Thursday, November 29, 2007

Mad about Magic


I picked up this great Mad Magazine pocket novel "The Mad book of Magic and other Dirty Tricks" by Al Jaffee (1970) at a local thrift shop the other day. Bing a huge fan of magic and Mad, I was thrilled to find this amongst a bunch of romance novels and out of date computer books. Well worth my 65 cents, as this book is filled with great magic tricks, and other dirty tricks.
The forward to the book reads: [If there is one word that is the byword of all magicians that word would have to be SECRECY. In the foreword of every book ever written by a magician, the reader is always constrained never ever to reveal a trick's secrets. The reader is told that this is some sort of unwritten but nevertheless inviolate magician's code. And somehow, this code is honored by millions of readers of millions of books that show how millions of tricks are done.

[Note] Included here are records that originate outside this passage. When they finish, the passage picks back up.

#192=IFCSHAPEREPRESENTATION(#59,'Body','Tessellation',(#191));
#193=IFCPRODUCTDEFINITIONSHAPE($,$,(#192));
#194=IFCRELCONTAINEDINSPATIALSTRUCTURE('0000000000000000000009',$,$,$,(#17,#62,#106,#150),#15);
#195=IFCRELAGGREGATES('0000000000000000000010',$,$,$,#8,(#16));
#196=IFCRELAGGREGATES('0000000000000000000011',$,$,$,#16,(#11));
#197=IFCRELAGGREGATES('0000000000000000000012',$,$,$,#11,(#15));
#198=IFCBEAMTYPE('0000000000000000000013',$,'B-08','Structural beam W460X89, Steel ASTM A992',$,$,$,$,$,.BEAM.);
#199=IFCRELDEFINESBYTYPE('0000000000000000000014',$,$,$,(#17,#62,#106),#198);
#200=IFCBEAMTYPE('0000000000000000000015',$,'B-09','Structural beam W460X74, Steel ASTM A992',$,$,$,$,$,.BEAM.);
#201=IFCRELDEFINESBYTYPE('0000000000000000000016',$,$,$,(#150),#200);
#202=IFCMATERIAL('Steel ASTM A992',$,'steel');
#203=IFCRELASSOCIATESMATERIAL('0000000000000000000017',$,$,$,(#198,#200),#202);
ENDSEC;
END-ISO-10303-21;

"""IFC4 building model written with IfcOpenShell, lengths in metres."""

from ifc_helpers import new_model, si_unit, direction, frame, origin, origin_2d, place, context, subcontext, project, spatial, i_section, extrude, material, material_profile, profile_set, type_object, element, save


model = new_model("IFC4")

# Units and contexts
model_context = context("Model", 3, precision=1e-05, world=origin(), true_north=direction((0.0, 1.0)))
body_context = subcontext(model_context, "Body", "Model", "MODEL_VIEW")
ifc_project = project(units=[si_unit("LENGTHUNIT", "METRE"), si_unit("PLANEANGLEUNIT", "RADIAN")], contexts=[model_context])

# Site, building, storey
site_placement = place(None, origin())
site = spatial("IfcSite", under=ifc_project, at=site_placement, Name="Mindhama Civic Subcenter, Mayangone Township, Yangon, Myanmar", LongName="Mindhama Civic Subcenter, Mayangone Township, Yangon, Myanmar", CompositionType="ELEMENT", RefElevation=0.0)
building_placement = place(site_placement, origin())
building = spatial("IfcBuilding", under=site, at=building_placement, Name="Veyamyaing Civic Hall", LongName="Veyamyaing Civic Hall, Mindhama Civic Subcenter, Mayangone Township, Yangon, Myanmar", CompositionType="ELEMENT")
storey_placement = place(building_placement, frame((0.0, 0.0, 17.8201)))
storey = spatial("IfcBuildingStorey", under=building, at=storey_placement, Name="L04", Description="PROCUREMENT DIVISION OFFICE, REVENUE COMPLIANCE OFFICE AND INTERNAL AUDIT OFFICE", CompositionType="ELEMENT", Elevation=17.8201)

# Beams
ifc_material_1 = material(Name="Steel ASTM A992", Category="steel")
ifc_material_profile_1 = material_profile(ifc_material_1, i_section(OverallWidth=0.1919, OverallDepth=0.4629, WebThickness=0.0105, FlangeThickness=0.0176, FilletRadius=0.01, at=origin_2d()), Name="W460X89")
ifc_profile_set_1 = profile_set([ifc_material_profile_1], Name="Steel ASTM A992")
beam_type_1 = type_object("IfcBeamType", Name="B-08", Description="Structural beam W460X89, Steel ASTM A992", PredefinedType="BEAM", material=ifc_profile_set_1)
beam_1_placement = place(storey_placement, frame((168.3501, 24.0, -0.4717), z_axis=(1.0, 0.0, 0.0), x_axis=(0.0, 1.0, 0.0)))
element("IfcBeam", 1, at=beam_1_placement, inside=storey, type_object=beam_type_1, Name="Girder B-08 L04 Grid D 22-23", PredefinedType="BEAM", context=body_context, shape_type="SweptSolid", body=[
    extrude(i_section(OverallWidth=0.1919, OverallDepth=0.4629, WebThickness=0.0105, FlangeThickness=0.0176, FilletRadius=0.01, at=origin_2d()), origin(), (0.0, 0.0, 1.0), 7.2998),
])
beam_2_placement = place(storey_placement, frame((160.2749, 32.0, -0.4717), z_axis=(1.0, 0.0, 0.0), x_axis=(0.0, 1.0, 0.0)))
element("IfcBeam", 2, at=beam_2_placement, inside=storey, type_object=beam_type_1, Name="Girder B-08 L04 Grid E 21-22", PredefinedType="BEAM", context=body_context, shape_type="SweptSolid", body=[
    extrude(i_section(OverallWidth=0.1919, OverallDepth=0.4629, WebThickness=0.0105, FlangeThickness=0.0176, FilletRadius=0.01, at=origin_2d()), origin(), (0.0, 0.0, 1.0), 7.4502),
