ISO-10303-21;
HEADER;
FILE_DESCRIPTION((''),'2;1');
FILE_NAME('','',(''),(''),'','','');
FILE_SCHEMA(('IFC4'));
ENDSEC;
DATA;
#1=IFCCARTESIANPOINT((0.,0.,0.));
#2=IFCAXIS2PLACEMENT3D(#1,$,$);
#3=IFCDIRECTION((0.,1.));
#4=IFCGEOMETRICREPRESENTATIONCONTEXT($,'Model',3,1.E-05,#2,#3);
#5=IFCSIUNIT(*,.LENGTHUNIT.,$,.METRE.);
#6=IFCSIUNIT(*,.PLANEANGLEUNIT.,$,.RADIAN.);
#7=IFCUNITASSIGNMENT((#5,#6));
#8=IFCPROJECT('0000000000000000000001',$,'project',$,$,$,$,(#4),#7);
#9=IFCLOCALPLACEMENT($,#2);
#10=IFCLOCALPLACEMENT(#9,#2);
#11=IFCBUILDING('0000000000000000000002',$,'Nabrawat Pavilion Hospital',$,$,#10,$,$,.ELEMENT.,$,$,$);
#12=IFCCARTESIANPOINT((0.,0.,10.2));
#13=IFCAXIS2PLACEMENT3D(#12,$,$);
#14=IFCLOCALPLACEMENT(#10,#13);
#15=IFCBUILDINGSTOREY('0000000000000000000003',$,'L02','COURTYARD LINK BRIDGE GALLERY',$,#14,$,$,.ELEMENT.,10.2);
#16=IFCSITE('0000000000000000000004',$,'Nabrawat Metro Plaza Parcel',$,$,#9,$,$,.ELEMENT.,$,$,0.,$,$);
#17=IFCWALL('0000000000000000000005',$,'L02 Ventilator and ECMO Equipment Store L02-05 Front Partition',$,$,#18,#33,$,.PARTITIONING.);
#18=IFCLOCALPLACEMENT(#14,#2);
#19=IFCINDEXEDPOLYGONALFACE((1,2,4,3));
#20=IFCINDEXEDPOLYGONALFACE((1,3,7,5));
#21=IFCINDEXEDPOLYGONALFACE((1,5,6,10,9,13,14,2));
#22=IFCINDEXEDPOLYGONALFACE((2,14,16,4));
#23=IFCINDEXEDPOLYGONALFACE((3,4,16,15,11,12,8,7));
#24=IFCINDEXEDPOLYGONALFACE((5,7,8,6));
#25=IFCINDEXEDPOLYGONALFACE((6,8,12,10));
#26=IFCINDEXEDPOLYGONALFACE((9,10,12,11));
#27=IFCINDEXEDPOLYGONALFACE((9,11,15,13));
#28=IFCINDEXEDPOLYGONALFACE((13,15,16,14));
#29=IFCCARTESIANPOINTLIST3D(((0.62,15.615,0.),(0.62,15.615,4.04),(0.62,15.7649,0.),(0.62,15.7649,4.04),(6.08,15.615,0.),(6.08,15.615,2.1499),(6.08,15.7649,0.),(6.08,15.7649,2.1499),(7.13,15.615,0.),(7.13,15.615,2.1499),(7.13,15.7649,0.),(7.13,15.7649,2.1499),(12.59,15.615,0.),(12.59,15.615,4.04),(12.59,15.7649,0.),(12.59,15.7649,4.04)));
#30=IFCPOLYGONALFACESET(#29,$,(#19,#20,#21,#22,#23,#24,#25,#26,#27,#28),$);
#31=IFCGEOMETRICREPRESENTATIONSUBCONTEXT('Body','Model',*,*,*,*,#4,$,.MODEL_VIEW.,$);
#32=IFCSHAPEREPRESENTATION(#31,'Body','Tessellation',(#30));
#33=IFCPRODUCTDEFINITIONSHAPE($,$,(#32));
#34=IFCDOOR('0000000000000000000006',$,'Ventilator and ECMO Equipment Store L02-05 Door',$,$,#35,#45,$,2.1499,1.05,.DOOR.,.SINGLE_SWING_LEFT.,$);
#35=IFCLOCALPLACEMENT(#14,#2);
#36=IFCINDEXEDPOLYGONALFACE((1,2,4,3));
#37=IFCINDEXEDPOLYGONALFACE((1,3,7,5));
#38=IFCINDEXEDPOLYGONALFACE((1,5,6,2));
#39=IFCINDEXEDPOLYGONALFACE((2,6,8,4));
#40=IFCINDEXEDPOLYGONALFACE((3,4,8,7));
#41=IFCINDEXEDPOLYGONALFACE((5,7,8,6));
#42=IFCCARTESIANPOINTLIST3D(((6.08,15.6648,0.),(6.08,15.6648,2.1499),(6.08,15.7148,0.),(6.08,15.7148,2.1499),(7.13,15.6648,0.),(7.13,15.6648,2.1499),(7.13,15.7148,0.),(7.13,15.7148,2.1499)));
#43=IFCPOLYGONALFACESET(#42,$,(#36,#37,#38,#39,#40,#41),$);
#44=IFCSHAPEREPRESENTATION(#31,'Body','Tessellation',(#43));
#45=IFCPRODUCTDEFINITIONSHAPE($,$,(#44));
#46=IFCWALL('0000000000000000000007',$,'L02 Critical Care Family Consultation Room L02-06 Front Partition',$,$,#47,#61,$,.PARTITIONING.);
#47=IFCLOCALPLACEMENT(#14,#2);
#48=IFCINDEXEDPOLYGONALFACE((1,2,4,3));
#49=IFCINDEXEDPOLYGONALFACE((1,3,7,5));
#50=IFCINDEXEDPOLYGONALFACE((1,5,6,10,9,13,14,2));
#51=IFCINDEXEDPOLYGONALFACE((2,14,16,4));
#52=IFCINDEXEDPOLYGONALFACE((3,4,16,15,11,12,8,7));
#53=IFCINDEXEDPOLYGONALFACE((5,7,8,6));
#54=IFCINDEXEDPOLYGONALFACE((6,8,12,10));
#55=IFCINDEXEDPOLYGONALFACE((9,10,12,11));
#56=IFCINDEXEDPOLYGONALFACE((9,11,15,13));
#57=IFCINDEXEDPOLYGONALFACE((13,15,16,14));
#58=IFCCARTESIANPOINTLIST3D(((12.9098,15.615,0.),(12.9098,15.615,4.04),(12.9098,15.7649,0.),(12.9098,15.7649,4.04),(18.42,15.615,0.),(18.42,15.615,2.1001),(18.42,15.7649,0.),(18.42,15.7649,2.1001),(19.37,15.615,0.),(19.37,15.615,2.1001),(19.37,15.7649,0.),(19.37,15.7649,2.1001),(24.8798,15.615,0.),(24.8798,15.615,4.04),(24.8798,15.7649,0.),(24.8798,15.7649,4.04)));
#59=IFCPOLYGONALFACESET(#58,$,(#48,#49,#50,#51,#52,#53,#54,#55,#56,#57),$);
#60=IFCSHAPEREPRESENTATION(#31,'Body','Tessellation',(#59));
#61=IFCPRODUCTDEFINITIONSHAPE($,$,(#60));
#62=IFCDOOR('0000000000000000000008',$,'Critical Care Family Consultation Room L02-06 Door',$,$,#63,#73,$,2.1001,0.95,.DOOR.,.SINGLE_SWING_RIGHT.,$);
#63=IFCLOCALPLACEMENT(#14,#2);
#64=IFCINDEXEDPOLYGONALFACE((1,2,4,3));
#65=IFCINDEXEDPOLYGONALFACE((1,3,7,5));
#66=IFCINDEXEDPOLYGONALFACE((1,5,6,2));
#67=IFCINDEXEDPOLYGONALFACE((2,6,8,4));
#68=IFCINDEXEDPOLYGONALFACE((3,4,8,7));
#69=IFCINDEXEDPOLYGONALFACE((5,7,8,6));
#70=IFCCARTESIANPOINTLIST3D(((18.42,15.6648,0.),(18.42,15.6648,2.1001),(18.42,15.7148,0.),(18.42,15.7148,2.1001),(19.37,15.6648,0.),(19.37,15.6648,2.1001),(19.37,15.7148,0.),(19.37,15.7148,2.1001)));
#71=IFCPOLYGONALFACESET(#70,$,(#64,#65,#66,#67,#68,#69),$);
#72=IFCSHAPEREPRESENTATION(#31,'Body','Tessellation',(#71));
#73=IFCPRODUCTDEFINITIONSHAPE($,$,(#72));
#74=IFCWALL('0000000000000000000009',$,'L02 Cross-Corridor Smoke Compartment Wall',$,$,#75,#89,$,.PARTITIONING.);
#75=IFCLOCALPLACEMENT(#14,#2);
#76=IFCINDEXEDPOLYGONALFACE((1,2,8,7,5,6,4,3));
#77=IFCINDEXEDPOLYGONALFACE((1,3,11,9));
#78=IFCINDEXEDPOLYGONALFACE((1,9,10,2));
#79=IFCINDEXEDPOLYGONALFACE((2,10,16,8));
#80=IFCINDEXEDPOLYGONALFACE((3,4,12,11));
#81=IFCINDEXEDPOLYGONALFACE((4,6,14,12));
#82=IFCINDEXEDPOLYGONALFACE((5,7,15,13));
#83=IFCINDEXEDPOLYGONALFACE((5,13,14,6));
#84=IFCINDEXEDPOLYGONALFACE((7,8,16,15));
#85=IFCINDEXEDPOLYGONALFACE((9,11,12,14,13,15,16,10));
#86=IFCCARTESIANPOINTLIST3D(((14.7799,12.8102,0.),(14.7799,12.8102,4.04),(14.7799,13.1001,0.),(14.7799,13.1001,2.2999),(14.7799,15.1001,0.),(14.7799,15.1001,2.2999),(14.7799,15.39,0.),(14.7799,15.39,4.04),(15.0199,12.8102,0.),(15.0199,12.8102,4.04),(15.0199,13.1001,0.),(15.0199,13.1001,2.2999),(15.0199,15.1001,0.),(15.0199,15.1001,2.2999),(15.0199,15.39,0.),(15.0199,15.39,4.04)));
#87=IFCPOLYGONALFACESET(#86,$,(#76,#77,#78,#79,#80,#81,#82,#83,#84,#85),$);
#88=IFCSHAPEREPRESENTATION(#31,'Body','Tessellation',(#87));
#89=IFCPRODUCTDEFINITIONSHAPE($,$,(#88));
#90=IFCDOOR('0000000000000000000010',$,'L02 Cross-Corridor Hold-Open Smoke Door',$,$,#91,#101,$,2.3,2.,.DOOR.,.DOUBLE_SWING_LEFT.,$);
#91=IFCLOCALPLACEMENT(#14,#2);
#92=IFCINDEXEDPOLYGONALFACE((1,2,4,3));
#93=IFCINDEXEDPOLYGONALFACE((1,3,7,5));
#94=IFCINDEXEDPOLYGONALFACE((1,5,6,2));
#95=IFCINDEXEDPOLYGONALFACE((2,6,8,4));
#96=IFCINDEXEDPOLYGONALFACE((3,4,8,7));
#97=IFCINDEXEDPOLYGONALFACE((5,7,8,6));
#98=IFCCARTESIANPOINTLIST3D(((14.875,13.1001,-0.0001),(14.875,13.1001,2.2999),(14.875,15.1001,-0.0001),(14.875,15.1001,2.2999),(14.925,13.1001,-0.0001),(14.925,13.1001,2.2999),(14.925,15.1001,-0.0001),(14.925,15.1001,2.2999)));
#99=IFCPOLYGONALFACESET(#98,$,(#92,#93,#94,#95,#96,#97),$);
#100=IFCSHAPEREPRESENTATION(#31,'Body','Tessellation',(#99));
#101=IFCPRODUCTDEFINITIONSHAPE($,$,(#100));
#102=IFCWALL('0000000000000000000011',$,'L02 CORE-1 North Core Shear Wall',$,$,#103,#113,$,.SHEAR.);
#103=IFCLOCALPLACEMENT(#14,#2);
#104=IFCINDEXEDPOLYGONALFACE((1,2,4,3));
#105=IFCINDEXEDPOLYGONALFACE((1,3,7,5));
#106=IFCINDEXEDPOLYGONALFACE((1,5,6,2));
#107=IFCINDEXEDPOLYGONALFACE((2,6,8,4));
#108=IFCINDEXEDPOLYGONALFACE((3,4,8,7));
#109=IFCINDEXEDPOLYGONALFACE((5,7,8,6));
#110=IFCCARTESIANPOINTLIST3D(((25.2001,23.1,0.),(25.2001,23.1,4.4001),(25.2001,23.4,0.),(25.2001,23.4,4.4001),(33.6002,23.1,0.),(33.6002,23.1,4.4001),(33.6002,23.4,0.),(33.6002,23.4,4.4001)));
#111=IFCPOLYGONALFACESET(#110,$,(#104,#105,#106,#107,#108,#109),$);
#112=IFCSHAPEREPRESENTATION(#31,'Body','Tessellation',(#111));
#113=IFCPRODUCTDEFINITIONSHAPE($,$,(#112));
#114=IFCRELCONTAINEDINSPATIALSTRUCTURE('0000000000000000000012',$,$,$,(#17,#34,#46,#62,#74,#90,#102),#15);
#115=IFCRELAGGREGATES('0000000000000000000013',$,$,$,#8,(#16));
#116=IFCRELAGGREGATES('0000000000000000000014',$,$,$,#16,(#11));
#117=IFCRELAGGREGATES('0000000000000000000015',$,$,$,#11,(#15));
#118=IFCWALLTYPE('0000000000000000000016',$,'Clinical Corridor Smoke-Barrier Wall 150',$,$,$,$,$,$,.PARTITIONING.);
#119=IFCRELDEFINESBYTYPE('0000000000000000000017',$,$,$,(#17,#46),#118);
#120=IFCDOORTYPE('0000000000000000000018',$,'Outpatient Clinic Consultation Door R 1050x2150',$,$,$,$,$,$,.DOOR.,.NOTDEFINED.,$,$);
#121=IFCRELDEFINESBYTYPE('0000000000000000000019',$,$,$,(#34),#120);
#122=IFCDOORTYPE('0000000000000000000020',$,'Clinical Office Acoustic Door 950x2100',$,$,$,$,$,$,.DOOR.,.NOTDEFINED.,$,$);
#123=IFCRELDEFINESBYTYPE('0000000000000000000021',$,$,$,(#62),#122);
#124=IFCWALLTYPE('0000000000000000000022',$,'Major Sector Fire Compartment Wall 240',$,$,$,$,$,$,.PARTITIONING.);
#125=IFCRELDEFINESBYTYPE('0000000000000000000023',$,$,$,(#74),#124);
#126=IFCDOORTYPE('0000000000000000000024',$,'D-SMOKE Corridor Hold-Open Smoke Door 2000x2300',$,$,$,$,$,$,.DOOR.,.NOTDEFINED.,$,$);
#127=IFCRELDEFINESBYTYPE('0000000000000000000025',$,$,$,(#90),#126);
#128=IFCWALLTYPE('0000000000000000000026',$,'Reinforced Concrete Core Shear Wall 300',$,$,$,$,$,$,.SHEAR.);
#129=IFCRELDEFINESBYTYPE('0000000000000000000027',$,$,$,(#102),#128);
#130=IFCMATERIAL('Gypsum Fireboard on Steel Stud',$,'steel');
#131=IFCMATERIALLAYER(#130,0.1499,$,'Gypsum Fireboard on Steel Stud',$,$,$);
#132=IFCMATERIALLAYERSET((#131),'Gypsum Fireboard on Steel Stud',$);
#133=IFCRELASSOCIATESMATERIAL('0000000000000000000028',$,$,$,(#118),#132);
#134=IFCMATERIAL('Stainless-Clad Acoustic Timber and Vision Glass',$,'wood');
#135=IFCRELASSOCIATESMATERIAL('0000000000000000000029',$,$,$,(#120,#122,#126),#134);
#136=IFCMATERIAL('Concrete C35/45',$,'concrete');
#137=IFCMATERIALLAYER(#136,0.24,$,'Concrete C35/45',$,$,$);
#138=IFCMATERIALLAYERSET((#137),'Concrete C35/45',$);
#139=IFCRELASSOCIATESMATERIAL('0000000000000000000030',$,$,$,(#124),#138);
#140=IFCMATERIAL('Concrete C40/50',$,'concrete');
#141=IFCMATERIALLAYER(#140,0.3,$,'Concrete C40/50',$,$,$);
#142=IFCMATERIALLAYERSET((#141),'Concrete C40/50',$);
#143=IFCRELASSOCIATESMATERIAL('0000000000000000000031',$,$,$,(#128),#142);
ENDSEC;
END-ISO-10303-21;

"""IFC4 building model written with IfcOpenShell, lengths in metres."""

from ifc_helpers import new_model, si_unit, direction, frame, frame_2d, origin, place, context, subcontext, project, spatial, rectangle, extrude, material, layer, layer_set, type_object, element, fill, save


model = new_model("IFC4")

# Units and contexts
model_context = context("Model", 3, precision=1e-05, world=origin(), true_north=direction((0.0, 1.0)))
body_context = subcontext(model_context, "Body", "Model", "MODEL_VIEW")
ifc_project = project(units=[si_unit("LENGTHUNIT", "METRE"), si_unit("PLANEANGLEUNIT", "RADIAN")], contexts=[model_context])

# Site, building, storey
site_placement = place(None, origin())
site = spatial("IfcSite", under=ifc_project, at=site_placement, Name="Nabrawat Metro Plaza Parcel", CompositionType="ELEMENT", RefElevation=0.0)
building_placement = place(site_placement, origin())
building = spatial("IfcBuilding", under=site, at=building_placement, Name="Nabrawat Pavilion Hospital", CompositionType="ELEMENT")
storey_placement = place(building_placement, frame((0.0, 0.0, 10.2)))
storey = spatial("IfcBuildingStorey", under=building, at=storey_placement, Name="L02", Description="COURTYARD LINK BRIDGE GALLERY", CompositionType="ELEMENT", Elevation=10.2)

# Shared definitions
ifc_material_1 = material(Name="Concrete C40/50", Category="concrete")

# Walls, openings, doors
ifc_material_2 = material(Name="Gypsum Fireboard on Steel Stud", Category="steel")
ifc_layer_1 = layer(ifc_material_2, 0.1499, Name="Gypsum Fireboard on Steel Stud")
ifc_layer_set_1 = layer_set([ifc_layer_1], Name="Gypsum Fireboard on Steel Stud")
wall_type_1 = type_object("IfcWallType", Name="Clinical Corridor Smoke-Barrier Wall 150", PredefinedType="PARTITIONING", material=ifc_layer_set_1)
ifc_material_3 = material(Name="Stainless-Clad Acoustic Timber and Vision Glass", Category="wood")
wall_1_placement = place(storey_placement, frame((0.6201, 15.6899, 0.0), z_axis=(0.0, 0.0, 1.0), x_axis=(1.0, 0.0, 0.0)))
wall_1 = element("IfcWall", 1, at=wall_1_placement, inside=storey, type_object=wall_type_1, Name="L02 Ventilator and ECMO Equipment Store L02-05 Front Partition", PredefinedType="PARTITIONING", context=body_context, shape_type="SweptSolid", body=[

But as far as we are are concerned, this is all nonsense. Our tricks do not need to be kept secret. Our tricks do not have to be hidden. Our tricks do not have to be reserved for a chosen few. Why...? Why do we fly in the face of tradition? Because our tricks do not work, that is why.
Anyway, we just don't go in for sill codes and restrictions. Go ahead and tell anyone whatever you want from this book. Tell them all you like to your heart's content. Just one little thing we ask you not do do with this book. Don't lend it. Lending means not buying. Not buying means that not only won't the tricks in this book work, but the author of the book won't work either.
And now on this entertaining, engrossing, fascination, and ofter diverting volume about which one reviewer said, "Once you've started reading, you'll certainly want to pit it down."]
Ok, I know what they just said, but I don't want to get in trouble with the Secret Magic Society, so do me a favour and don't tell any one you just read this blog.